Parasites have found a way to bypass drug
Last Updated 24 April 2013, 19:00 IST

India's preferred therapy to fight a common and deadly strain of malaria is showing early signs of efficacy loss, raising public health concerns that may be more visible a few years down the line.

The preferred treatment option for malaria cases by Plasmodium falciparum parasite is artemisinin-based combination therapy (ACT) in which anti-malarial drug artemisinin is used in combination with another medicine for enhanced efficacy.

Efficiency of this second drug in the standard therapy – known as sulfadoxine pyrimethamine (SP) – is on the wane, according to a group of Indian researchers, who claimed parasites had found a way to bypass the drug.

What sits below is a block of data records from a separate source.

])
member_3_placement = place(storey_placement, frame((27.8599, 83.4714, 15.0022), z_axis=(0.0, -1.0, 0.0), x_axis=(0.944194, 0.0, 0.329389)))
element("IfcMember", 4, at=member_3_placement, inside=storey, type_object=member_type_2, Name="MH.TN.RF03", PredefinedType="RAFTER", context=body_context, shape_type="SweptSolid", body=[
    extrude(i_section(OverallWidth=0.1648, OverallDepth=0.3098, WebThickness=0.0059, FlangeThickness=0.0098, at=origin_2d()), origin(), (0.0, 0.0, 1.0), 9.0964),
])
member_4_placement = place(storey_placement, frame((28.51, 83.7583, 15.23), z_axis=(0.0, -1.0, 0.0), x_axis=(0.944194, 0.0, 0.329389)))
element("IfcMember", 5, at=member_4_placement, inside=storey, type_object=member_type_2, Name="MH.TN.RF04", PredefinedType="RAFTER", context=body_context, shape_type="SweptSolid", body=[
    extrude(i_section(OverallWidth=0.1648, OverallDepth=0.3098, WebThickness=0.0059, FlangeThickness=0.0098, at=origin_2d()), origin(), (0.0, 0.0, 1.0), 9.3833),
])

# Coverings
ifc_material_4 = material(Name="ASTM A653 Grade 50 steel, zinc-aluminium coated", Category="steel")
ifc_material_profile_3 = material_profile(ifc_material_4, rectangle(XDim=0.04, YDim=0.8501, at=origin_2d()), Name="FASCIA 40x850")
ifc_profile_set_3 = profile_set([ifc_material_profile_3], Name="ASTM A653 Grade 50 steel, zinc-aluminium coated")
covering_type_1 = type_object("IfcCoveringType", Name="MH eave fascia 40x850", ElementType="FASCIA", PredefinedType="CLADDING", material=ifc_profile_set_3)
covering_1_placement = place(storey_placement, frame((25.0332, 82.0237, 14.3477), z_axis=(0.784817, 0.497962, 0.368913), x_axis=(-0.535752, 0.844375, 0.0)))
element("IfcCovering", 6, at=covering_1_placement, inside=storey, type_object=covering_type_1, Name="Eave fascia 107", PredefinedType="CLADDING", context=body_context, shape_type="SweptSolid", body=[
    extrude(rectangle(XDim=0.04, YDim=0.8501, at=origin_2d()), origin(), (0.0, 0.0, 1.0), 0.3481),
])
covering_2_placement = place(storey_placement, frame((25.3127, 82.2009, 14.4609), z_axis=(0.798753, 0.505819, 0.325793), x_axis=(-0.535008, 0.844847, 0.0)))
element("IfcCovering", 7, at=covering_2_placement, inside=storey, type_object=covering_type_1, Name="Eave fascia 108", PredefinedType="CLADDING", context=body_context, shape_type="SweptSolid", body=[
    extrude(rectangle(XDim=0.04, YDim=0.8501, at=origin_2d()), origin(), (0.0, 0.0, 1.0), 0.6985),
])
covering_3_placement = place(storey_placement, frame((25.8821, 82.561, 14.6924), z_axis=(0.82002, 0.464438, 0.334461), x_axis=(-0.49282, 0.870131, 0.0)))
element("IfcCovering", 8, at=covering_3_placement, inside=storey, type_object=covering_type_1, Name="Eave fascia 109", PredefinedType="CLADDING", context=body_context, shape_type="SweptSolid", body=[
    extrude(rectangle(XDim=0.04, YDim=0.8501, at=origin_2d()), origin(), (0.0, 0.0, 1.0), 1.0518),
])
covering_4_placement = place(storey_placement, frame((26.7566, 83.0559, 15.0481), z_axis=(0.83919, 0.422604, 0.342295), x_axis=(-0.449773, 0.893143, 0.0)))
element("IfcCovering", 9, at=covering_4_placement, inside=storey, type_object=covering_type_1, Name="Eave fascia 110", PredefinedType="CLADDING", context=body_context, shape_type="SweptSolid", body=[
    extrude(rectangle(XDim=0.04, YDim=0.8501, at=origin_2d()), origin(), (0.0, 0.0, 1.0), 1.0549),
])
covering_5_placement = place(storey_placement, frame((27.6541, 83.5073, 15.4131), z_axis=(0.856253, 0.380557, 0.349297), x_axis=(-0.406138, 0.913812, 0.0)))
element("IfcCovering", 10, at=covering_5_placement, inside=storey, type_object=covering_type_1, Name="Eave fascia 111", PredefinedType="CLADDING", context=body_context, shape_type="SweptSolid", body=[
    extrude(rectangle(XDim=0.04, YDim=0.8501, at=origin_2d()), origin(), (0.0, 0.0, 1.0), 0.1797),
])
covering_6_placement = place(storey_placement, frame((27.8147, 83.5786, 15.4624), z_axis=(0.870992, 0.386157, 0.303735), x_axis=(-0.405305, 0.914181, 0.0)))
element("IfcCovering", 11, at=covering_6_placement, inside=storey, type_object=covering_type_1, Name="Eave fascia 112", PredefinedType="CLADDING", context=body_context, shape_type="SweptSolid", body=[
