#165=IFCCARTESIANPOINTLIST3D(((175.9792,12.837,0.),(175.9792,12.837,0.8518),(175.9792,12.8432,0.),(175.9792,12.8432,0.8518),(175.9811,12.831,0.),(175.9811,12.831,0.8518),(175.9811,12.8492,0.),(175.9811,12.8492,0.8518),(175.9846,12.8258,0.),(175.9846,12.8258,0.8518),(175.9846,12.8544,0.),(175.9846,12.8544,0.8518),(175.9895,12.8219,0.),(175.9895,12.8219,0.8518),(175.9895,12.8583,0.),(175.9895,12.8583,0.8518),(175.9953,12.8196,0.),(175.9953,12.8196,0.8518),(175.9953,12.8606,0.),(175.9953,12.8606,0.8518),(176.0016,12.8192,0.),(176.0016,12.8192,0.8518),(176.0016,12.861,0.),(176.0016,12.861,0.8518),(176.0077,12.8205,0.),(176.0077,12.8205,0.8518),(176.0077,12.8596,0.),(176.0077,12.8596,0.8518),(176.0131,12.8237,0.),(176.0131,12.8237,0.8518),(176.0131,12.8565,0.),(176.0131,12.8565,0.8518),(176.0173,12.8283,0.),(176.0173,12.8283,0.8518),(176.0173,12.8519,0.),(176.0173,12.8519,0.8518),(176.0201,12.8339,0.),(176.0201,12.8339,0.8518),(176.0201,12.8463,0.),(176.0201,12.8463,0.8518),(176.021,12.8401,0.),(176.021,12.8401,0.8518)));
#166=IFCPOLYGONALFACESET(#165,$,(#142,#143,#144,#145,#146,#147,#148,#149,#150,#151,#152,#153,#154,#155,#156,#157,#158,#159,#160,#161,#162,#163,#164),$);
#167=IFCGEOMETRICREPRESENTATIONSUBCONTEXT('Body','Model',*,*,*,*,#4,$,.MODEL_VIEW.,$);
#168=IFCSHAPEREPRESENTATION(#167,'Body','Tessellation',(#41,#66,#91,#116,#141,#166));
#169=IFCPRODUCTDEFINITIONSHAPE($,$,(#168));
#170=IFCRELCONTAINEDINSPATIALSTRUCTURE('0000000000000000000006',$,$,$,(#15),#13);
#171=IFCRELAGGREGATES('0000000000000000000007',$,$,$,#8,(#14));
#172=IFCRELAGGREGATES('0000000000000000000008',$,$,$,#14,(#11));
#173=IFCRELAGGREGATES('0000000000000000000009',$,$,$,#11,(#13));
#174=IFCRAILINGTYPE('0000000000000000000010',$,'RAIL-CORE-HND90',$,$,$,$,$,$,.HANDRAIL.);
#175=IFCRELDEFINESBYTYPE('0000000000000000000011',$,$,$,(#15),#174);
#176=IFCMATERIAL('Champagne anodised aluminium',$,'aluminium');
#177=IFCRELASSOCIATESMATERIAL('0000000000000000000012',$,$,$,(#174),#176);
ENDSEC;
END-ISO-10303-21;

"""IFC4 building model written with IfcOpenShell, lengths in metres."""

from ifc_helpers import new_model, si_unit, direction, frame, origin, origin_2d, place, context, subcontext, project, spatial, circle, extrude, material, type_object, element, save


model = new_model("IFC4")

Though there is no therapeutic failure as yet, the standard therapy has been found to lose its efficacy in Odisha, which has one of the highest number of malaria cases in India. Last year, similar trend was seen in tea gardens of north Bengal where, too, malaria continues to be a major killer.

“It’s an early warning sign for  policy-makers. After a few years, wide-spread consequences will be seen clinically,” Manoranjan Ranjit, a scientist at Regional Medical Research Centre, Bhubaneswar, who led a team of researchers from RMRC and North Orissa University, Baripada to study the efficacy of medicines used in the ACT,  told Deccan Herald.

The findings have been published in a recent issue of the journal Acta Tropica.Every year, more than 15 lakh Indians get infected by malaria parasites, close to 50 per cent of which are caused by the deadly Plasmodium falciparum parasite. In Odisha, 85 per cent of malaria-related deaths are caused by this parasite.

The WHO favoured the combination therapy instead of using artemisinin alone to delay the development of drug resistance. India's malaria drug policy (released in 2010) too recommended the ACT.

“Having two drugs in the standard therapy means the parasite has to find out two keys for a lock. That will be time-consuming for the parasite. The report of SP resistance from India, therefore, is a matter of concern because so far there is only a little data from India,” commented Ramanan Laxminarayan, vice president for research at the Public Health Foundation of India, who is not associated with the study.

The Odisha researchers collected 200 odd samples from 8 districts to find out molecular signatures of the parasites becoming resistant to SP drug by genetic mutations. The mutations, Ranjit said, was spreading fast among parasites. Inclusion of SP as a partner drug in the combination therapy, therefore, made the standard therapy virtually a mono-therapy, which was prohibited in the national policy.

“These findings together with an earlier observation (from Bengal tea estates) provide early warning on the lifespan of artemisinin and SP combination and its consequence, which challenges the existing therapeutic strategy of malaria control,” the RMRC team reported.

With artemisinin-resistance widely seen in Cambodia, Vietnam, Myanmar and Thailand over the last 15 years, the WHO is all set to launch an emergency response to artemisinin resistance in the Greater Mekong Subregion.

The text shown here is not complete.